Thick wafers cause an increase in capacitance, requiring thicker transmission lines, and, in turn, a larger IC footprint. In contrast, thinned wafers have the benefits of reduction in transmission line thickness, IC miniaturization, improved heat dissipation, and realization of stacked configuration in packaging. Stacked configuration is particularly useful for compact electronic products such as cellular telephones. By stacking and interconnecting devices vertically, device interconnection density and corresponding reductions in signal delay (as a result of shortening the distance between electrical connection points) can be significantly increased.
Silicon wafers used in high-volume integrated circuit production are typically 200 or 300 mm in diameter and have a through-wafer thickness of about 750 microns. Without thinning, it would be nearly impossible to form backside electrical contacts that connect with front-side circuitry by passing the connections through the wafer. Highly efficient thinning processes for semiconductor-grade silicon and compound semiconductors based on mechanical grinding (back-grinding) and polishing as well as chemical etching are now in commercial use. These processes allow device wafer thickness to be reduced to less than 100 microns in a few minutes while maintaining precise control over cross-wafer thickness uniformity.

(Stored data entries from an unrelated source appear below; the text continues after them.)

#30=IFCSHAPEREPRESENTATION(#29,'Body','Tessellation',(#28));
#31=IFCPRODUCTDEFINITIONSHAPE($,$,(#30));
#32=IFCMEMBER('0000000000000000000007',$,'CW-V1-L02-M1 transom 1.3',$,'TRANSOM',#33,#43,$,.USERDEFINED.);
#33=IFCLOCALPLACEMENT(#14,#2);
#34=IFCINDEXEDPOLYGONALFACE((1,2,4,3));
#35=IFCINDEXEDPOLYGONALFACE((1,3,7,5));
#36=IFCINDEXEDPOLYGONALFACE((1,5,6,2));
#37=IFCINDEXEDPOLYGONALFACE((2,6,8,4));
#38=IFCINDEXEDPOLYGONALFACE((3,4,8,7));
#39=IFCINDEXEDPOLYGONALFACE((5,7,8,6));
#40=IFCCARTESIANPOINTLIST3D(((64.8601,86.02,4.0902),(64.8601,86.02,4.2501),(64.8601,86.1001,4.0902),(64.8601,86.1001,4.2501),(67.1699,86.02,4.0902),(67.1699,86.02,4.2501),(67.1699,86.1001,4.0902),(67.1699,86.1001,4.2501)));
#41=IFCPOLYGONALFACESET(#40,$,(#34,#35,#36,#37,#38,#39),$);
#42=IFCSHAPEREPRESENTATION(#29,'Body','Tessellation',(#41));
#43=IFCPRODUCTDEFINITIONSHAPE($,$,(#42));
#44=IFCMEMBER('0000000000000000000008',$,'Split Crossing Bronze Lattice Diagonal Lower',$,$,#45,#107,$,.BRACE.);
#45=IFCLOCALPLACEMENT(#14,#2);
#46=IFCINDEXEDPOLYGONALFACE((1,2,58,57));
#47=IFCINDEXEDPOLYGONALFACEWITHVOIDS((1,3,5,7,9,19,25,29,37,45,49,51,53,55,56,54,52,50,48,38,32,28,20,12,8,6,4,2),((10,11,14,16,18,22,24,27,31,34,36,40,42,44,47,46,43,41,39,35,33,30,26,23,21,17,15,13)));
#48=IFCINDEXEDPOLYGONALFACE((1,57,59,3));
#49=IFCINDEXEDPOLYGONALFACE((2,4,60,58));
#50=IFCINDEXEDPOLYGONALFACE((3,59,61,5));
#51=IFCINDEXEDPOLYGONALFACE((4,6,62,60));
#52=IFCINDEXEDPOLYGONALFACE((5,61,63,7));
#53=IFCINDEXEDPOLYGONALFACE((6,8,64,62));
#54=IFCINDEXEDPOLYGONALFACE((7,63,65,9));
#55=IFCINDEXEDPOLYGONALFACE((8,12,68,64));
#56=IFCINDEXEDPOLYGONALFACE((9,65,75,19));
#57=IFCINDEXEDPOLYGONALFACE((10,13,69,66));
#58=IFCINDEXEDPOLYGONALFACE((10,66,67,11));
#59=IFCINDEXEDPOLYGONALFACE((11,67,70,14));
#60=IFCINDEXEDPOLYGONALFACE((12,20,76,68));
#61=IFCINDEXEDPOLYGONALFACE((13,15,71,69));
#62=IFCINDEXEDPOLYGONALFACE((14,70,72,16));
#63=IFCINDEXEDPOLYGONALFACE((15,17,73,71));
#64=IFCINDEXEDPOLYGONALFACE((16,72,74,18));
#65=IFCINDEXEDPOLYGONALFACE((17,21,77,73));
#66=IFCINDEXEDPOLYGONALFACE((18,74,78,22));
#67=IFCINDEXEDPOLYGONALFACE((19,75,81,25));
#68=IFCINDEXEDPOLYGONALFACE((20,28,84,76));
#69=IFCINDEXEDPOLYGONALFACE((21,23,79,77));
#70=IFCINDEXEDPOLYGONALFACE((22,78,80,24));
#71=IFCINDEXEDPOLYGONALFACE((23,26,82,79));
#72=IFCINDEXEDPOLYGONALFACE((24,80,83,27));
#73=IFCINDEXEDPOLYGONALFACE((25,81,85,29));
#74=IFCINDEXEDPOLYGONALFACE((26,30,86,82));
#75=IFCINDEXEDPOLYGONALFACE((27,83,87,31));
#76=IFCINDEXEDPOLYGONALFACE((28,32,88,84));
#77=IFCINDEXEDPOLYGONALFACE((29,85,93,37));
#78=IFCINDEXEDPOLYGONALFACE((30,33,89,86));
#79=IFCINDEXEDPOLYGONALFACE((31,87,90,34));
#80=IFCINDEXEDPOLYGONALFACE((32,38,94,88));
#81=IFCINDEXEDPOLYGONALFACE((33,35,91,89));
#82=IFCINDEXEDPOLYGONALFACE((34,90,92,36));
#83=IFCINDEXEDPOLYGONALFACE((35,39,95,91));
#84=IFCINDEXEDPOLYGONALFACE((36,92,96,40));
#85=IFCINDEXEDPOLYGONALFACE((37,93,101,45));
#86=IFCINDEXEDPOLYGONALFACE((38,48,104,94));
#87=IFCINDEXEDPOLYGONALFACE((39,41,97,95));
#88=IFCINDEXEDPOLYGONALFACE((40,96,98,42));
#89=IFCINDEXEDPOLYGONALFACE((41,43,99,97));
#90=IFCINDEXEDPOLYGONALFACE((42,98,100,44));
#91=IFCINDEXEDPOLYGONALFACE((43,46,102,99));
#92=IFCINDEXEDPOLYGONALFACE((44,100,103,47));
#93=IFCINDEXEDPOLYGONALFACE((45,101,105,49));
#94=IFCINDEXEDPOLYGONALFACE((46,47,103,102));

Device wafers that have been thinned to less than 100 microns, and especially those thinned to less than 60 microns, are extremely fragile and must be supported over their full dimensions to prevent cracking and breakage. Various wafer wands and chucks have been developed for transferring ultra-thin device wafers, but the problem still exists on how to support the wafers during back-grinding and TSV-formation processes, because these steps impose high thermal and mechanical stresses on the device wafer as it is being thinned or after thinning. An increasingly popular approach to ultra-thin wafer handling involves mounting the full-thickness device wafer face down to a rigid carrier with a polymeric adhesive, to form a bonded stack. It is then thinned and processed from the backside. The fully processed, ultra-thin wafer is then removed, or debonded, from the carrier after the backside processing has been completed.
In debonding the bonded stack, particularly in an automatic process, complicated mechanical mechanisms such as robot arms must be employed to manipulate the stack using strong but non-uniform mechanical force, to execute motions like sliding, lifting, and twisting. As thinned wafers are extremely fragile, defects associated with this approach include device wafer breakage and damage within the microscopic circuitry of individual devices, which lead to device failure and yield loss. Moreover, complicated mechanical mechanisms also suffer from the disadvantages of higher cost, difficult operation, and lower efficiency.
Therefore, there exists a need for new approaches for debonding a carrier-workpiece bonded stack that can enhance the efficiency, simplify the procedure, provide high wafer throughput, and reduce or eliminate the risks for device wafer breakage and internal device damage. Advantageously, the present invention provides a solution that can meet such a need.